I have recently finished walking the English coast. This blog is meant as a help/guide for someone doing the same thing.I hope to complete all the posts within the next 6 months. Go to the archive of past months and years to access all previous posts. Composite, rather amateurish photos are on the early walks as I had not acquired a digital camera. Any corrections of errors/ additional facts gratefully received. Enjoy the coast!
Monday, 16 May 2011
Walk 32 Nacton to Felixstowe (Suffolk)
Walk 32Nacton to Felixstowe (Suffolk)
(First leg of English coastal walk – Broadstairs in Kent to Berwick at the border with Scotland).
Distance: about 13 miles
Difficulty: quite easy, mostly flat
Terrain: paths (which can be muddy) and pavements
Access: Parking at both ends
Public transport: Tricky. Bus 163 goes from Ipswich on a couple of days a week leaving at 12:35 and getting to Nacton at 12:50. This is rather late for a 13 mile walk unless it is in the summer. Another option is to follow the Stour and Orwell walk out of Ipswich but this does extend the walk by a few miles. Getting back from Felixstowe to Ipswich is easy - by train or bus.
This is a river side and coastal walk.
Take the road out of Nacton to the Stour and Orwell Walk along the estuary. Nacton is well known for the story of Margaret Catchpole who fell in love with a smuggler and eloped with him, she was captured and sentenced to death. She escaped then was recaptured and finally transported to Australia. The story is told in ‘The History of Margaret Catchpole’ by Richard Cobbold. Before reaching the river path there is a large impressive building on the right, this is OrwellParkSchool. This independent school was once called Orwell Park House and was the home of the 18th century admiral Sir Edward Vernon. He was nicknamed ‘old grog’ because he wore a coat made of grogram (coarse fabric made of wool and silk). It was he who introduced the daily ration of grog (rum and water) to Royal Navy sailors. This stopped in 1970.
The path winds its way up a creek to near Levington. The area had a thriving fertiliser industry in the 17 and 1800s. What is thought to have been a Viking ship was found in this creek and was probably part of a fleet of Danish ships which invaded in 991. In 1817 smugglers were arrested in the creek carrying 48 tubs of spirits on a boat called Daisy. The path winds its way back down the creek and there are good views across the river and towards the estuary. A little further along is the modern yacht harbour which opened in 1970.
The path skirts around the edge of Trimley Marshes. This is a wetland nature reserve managed by the Suffolk Wildlife Trust since 1990 and is reportedly one of the best of its kind in the country. The number of birds and range of species is impressive; more details can be found on the Trust’s website.
From here the path works inland and eventually meets up with a roundabout then it goes alongside the road behind the Port of Felixstowe until meeting a junction – at this point the cycle path can be followed to Landguard Fort. Felixstowe is a town of two halves – the hustle and bustle of the busy port (the fourth largest container port in the UK) and the pleasant sea front and beaches of the main town.
Landguard Fort is now owned by English Heritage and is open between April and October, it also houses a museum about Felixstowe. There has been a fort here since the time of Henry V111 and has been added to and renewed over the years.

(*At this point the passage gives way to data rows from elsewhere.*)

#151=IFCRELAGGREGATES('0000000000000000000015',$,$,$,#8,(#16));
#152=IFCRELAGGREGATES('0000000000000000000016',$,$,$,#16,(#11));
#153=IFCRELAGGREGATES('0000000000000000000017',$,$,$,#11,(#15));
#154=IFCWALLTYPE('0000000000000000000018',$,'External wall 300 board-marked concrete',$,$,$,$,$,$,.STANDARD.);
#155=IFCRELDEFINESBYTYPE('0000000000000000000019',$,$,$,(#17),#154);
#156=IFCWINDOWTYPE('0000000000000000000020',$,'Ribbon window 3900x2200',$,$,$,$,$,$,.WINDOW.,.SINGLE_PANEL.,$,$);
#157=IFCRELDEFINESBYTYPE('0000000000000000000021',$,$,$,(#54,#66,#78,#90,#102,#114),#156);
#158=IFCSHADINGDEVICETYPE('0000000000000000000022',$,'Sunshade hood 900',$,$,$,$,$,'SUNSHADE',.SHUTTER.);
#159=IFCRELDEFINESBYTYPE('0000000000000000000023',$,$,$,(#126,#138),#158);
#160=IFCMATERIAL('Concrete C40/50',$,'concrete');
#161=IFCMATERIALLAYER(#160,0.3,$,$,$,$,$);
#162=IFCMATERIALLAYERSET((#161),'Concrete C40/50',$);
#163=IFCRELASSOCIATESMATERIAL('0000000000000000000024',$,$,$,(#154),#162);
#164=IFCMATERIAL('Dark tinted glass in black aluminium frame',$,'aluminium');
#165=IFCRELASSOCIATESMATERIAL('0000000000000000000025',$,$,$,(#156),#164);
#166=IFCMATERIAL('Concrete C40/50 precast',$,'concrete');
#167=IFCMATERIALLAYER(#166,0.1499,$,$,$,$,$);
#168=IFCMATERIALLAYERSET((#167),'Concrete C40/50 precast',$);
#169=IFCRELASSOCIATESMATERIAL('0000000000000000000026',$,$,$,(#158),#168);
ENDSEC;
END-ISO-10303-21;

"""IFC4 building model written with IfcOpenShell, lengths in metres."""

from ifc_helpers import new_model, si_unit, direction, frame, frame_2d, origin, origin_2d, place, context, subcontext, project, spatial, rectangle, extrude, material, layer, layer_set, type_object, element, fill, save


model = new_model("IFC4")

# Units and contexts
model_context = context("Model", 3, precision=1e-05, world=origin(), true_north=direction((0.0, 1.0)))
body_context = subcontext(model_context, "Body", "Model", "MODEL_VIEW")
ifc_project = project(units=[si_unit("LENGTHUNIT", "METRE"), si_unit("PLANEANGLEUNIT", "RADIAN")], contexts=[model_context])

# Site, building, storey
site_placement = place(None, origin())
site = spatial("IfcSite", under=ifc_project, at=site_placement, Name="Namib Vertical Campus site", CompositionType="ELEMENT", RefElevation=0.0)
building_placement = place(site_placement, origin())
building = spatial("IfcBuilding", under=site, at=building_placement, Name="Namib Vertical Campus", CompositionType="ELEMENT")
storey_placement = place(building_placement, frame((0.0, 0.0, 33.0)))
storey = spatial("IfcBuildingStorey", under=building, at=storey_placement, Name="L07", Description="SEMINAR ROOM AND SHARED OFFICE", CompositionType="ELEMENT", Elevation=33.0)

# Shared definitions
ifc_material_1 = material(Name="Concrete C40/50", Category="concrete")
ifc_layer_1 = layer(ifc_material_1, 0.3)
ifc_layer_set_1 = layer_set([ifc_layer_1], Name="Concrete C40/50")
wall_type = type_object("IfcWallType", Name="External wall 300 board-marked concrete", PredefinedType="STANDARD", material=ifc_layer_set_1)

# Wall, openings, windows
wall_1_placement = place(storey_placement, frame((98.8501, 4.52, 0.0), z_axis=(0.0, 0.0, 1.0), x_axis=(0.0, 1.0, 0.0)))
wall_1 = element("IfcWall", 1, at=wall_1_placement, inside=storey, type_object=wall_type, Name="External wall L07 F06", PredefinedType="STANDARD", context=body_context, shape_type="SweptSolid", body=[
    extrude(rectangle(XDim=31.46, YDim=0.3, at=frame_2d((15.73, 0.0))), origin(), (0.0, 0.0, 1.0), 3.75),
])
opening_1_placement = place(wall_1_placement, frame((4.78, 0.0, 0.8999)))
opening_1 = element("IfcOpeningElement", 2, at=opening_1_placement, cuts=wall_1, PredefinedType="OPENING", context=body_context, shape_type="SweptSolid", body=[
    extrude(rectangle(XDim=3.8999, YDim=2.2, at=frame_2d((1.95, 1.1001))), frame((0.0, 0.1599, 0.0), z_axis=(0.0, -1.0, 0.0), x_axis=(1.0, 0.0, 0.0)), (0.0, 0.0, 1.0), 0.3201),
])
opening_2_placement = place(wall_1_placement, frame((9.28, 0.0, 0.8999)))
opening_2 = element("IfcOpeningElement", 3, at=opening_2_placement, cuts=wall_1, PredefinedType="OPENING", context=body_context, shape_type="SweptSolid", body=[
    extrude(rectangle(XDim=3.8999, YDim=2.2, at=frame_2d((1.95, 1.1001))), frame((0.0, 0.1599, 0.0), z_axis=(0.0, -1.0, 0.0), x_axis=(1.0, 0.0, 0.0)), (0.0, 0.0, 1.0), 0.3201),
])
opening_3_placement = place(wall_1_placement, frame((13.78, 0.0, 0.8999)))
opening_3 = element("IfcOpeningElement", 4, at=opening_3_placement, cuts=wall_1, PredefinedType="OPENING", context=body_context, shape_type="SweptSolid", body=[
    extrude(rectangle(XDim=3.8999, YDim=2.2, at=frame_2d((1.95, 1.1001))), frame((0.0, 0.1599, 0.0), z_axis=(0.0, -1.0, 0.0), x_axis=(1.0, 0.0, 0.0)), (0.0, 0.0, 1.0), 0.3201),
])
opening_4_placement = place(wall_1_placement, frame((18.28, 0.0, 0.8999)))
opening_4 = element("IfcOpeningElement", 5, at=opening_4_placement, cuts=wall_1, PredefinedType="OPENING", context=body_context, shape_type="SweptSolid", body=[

In 1667 an attempted invasion by 1500 Dutch marines was repelled. In World War 2 thousands of balloons were launched from here with incendiary devices bound for Germany. Strangely,the area has many reports of paranormal activity. The cranes of the port can be seen to the west and Harwich is clearly visible across the estuary.
The area around Landguard is a nature reserve and on the walk back to Felixstowe I discovered a sign announcing that Stinking Goosefoot grows here and it is apparently very rare! The beach just north of Landguard Point is famed for its semi-precious stones including amber, agate, Whitby jet and jasper.
Walking towards Felixstowe there are many beach huts with a MartelloTower behind them - this appears to have a coastguard lookout on top. Felixstowe was no more than a village until 1877 when the opening of the railway made it an attraction to Victorian holiday-makers and day-trippers.
The main frontage at Felixstowe has the usual array of seaside attractions although it does have a smart and well-cared for appearance. Particularly, attractive is the replica of a Felixstowe Flying Boat with its grassed over wings. These aircraft were developed in World War 1 from an American design. About 100 were built and used for North Sea patrols.
The walk finishes at Felixstowe Pier – at one time the longest in East Anglia. It was opened in 1905 and originally catered for steamers calling at other places such as Clacton and Great Yarmouth. A tramway originally ran to the end. It was sectioned off during the World War 2 as it was felt that it could aid a German invasion. The end was neglected and demolished making the pier much shorter. It has never really recovered and new plans which have been put forward from time to time have never really come to fruition. As far as I know it is still closed to visitors.
Snaps show: a view of Felixstowe Port; walk out of Felixstowe; the replica of a Felixstowe flying boat; the River Debden.